In the results, green space justice had significant positive effects on perceived safety (γ = 0.664, p = 0.001), perceived environment (γ = 0.744, p = 0.001), and neighborhood cohesion (γ = 0.830, p = 0.001). These factors, in turn, significantly influenced happiness, with perceived safety (γ = 0.327, p = 0.001), perceived environment (γ = 0.184, p = 0.001), and neighborhood cohesion (γ = 0.512, p = 0.001) all showing positive effects on happiness. However, green space justice itself did not significantly impact happiness. Additionally, housing price (γ = −0.326, p = 0.001), length of residence (γ = −0.106, p = 0.001), and projected rent premium (γ = −0.218, p = 0.001) had significant negative effects on the fairness of green space, while monthly income (γ = 0.217, p = 0.001) and personal health status (γ = 0.173, p = 0.001) had significant positive effects on green space justice.
4.4. Mediating Effect
The bootstrap method was used to evaluate the mediating effect, and the estimates were derived based on the bias-corrected interval. A statistically significant mediating effect is indicated if the 95% confidence interval (95% CI) for the indirect effect does not include zero. The model produces both direct and aggregate indirect effects (see
Table 9).
Table 9 shows that the 95% CI values of “green space justice → environmental perception → happiness”, “green space justice → security perception → happiness” and “green space justice → neighborhood cohesion → happiness” do not contain zero, indicating that there is a significant mediating effect in these paths.

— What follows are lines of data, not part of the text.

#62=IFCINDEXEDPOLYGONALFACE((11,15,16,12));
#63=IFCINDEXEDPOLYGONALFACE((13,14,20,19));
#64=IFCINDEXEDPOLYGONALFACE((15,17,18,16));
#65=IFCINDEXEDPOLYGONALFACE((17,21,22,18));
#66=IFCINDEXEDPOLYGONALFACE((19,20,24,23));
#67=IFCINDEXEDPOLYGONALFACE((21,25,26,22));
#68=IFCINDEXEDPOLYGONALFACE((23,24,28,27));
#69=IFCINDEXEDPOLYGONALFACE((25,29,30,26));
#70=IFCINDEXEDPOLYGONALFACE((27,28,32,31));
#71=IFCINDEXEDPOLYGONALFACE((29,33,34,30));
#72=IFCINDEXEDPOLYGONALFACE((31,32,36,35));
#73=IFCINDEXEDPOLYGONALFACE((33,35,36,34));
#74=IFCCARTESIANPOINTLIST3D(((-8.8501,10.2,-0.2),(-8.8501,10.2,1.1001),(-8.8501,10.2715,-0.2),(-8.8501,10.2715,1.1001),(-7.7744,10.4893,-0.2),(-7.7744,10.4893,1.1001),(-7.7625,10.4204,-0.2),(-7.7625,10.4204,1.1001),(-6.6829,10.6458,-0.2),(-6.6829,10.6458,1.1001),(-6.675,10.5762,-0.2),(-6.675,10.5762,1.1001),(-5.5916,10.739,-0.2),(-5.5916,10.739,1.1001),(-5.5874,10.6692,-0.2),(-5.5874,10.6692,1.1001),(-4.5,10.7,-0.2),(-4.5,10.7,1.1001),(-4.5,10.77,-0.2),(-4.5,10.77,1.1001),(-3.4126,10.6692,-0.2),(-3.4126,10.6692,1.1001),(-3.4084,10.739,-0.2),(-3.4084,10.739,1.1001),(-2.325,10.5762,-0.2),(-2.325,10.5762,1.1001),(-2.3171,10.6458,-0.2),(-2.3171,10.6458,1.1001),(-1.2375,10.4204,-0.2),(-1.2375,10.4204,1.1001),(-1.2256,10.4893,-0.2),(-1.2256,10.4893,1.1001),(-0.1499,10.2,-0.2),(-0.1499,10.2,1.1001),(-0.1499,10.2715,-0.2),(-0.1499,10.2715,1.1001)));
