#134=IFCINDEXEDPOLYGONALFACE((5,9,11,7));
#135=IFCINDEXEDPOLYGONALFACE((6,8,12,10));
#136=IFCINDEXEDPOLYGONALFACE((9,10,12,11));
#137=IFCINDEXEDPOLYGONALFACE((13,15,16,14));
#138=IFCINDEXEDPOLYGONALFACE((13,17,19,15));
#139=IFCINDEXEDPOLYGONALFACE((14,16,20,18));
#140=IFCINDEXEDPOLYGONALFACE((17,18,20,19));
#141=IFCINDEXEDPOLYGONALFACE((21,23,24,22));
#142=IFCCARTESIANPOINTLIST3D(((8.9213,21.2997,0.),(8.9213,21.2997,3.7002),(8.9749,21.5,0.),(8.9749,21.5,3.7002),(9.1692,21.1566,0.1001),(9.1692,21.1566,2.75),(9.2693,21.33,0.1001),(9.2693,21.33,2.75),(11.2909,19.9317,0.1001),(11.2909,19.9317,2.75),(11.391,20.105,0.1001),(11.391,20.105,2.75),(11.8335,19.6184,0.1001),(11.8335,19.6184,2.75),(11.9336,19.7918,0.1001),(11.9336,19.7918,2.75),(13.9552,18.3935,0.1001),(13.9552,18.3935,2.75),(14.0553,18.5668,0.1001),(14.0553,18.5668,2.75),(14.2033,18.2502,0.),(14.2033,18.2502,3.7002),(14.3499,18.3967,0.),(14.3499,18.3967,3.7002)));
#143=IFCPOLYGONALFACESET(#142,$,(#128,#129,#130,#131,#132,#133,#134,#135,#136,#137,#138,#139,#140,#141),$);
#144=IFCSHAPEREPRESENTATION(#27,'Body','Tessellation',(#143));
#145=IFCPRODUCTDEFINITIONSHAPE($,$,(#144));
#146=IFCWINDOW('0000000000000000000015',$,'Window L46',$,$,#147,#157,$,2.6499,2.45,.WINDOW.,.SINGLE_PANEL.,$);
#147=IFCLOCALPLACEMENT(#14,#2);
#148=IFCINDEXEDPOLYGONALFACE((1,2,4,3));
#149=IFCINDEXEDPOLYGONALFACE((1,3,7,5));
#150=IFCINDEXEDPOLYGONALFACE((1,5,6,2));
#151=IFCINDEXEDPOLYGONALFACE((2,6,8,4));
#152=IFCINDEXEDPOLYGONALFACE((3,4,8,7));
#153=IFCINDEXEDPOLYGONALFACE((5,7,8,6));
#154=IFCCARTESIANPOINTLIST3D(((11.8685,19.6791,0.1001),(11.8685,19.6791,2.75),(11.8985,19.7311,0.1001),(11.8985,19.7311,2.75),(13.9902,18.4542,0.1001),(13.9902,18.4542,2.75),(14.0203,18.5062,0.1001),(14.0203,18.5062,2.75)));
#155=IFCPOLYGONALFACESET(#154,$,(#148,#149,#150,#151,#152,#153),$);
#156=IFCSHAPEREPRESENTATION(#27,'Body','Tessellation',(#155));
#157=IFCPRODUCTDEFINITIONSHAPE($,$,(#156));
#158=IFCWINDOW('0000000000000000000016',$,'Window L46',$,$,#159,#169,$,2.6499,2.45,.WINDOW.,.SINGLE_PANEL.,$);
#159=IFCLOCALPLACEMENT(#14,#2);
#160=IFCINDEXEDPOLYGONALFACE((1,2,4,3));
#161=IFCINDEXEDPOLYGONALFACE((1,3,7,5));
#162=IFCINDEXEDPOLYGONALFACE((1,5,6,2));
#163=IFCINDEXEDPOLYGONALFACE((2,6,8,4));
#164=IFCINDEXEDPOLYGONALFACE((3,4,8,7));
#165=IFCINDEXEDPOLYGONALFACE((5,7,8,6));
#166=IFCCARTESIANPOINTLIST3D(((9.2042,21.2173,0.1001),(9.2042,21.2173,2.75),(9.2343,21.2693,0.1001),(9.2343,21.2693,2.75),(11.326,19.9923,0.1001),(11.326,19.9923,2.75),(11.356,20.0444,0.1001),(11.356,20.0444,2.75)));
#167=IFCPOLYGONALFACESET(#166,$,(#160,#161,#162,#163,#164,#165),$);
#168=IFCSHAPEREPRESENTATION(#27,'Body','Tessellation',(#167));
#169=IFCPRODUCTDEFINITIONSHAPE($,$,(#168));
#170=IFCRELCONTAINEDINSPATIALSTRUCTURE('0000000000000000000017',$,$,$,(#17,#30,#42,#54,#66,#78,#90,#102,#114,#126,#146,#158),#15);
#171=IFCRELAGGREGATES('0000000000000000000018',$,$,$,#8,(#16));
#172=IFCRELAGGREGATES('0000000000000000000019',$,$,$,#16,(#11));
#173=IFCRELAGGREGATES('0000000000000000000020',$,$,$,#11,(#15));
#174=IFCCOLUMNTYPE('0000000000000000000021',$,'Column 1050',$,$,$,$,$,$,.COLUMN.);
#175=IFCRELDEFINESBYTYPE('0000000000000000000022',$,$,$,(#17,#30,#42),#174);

4.5. Green Space Preferences: Determinants and Relative Importance
To explore the factors influencing residents’ preferences for park usage, “the frequency of residents’ use of nearby urban parks or community green spaces” and “the duration of residents’ stay in these areas” were selected as indicators of their preference for public green spaces. A random forest model was employed to assess the impact of these factors on park usage preferences and identify the most significant features contributing to the predictions. The dataset was divided into a training set and a test set in an 80:20 ratio; 80% of the samples were used for training, while 20% were reserved for validation. The model’s overall accuracy for predicting “the frequency of residents’ use of nearby urban parks or community green spaces” was 67.5%, with a prediction accuracy of 83.2%. For predicting “the duration of residents’ stay in nearby urban parks or community green spaces”, the overall accuracy was 60.2%, with a prediction accuracy of 77.0% (
Figure 5).
The random forest model also assessed the importance of each variable. For predicting “the frequency of residents’ use of nearby city parks or community green spaces”, the most influential variables were ease of walking (17.5%), green space justice (11.0%), and age (10.2%). In the model predicting “the duration of residents’ stay in nearby city parks or community green spaces”, the top factors were housing price (11.5%), environmental perception (10.9%), and age (9.4%). The analysis reveals that, among social background factors, age is the most significant determinant, while housing price is the key factor among residential environmental influences, and anticipated rent increases play a notable role in market factors.